Another advantage of using Kafka to directly connect to Doris at the detail layer is that it naturally supports data backtracking. Data backtracking means that when real-time data is out of order, the "late" data can be recalculated and the previous results can be updated. This is because delayed data can be written to the table whenever it arrives. The final solution is as follows:
Optimization during the Promotion
As mentioned above, we have established Aggregation Key of different granularities in Doris, including PV, SKU, and A/B test granularity. Here we take the exposure A/B test model with the largest amount of daily production data as an example to explain how to support the query of tens of billions of records per day during the big promotion period.
Strategy we used:
- Monitoring: 10, 30, 60 minutes A/B test with indicators, such as exposure PV, UV, exposure SKU pieces, click PV, click UV and CTR.

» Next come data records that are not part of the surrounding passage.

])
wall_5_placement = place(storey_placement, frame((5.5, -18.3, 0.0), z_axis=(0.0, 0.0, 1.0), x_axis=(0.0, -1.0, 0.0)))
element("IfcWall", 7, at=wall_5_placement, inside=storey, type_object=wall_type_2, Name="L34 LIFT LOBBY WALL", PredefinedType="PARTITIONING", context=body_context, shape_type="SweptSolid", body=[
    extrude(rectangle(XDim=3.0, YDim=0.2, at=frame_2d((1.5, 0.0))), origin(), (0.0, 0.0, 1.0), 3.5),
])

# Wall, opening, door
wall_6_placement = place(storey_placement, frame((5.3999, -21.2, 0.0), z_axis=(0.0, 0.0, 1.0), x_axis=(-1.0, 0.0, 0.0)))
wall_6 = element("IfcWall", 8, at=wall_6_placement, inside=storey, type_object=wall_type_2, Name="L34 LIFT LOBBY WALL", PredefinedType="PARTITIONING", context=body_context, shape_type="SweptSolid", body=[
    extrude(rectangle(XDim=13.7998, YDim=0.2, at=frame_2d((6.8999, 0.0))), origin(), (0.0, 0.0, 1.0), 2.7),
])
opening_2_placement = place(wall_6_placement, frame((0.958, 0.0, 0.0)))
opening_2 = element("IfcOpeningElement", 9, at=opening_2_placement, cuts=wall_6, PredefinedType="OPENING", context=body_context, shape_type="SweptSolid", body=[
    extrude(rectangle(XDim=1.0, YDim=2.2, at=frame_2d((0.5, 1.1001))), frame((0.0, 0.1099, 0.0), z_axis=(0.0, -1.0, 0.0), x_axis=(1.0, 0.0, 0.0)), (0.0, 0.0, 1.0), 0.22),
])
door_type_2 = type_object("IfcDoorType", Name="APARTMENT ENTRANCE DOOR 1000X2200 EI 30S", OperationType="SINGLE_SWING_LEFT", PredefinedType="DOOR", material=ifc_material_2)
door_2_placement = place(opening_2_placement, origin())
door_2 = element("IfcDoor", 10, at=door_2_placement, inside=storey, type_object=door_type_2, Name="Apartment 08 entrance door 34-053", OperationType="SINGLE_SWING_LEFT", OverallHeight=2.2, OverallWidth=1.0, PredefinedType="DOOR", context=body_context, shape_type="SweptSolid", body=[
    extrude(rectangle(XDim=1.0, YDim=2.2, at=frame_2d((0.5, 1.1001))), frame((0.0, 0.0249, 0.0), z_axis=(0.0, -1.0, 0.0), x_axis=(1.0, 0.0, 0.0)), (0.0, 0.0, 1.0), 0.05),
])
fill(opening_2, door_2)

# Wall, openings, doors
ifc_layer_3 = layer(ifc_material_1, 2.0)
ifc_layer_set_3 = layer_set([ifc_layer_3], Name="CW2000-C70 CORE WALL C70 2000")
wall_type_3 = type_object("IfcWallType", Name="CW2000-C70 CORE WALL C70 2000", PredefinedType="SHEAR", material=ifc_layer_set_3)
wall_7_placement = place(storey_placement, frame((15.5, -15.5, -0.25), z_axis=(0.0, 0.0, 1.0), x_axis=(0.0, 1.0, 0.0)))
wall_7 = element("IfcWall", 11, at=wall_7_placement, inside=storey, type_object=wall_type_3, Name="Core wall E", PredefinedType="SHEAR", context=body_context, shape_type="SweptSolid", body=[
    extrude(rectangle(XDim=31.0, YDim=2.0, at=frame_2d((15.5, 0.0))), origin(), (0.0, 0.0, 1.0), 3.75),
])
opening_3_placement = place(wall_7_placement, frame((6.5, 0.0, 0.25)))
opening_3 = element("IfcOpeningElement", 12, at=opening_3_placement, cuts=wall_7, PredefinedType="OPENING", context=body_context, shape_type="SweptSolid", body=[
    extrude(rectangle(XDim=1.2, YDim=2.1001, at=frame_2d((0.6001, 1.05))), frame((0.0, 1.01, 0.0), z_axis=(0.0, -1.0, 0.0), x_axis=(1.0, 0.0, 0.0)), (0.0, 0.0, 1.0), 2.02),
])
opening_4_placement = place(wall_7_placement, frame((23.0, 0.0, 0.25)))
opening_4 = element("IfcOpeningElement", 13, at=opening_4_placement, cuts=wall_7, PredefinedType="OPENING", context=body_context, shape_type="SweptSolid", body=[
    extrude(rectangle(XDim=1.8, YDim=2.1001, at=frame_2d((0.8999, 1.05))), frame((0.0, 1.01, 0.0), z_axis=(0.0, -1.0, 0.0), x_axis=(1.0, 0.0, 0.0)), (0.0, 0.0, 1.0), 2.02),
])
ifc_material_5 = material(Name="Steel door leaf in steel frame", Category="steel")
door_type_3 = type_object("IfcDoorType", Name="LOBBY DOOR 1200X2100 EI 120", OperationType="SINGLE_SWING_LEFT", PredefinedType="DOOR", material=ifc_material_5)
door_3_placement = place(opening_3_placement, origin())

- Data Modeling: Use exposed real-time data to establish Aggregation Key; And perform HyperLogLog approximate calculation with UV and PV
Clusters we had:
- 30+ virtual machines with storage of NVMe SSD
- 40+ partitions exposed by A/B test
- Tens of billions of new data are created every day
- 2 Rollups
- Bucket Field can quickly locate tablet partition when querying
- Import 600 million records in 10 minutes
- 2 Rollups have relatively low IO, which meet the requirement of the query
JD search box introduced Apache Doris in May 2020, with a scale of 30+ BEs, 10+ routine load tasks running online at the same time. Replacing Flink's window computing with Doris can not only improve development efficiency, adapt to dimension changes, but also reduce computing resources. Apache Doris provides unified interface services ensuring data consistency and security. We are also pushing the upgrade of JD search box's OLAP platform to the latest version. After upgrading, we plan to use the bitmap function to support accurate deduplication operations of UV and other indicators. In addition, we also plan to use the appropriate Flink window to develop the real-time stream computing of the aggregation layer to increase the richness and completeness of the data.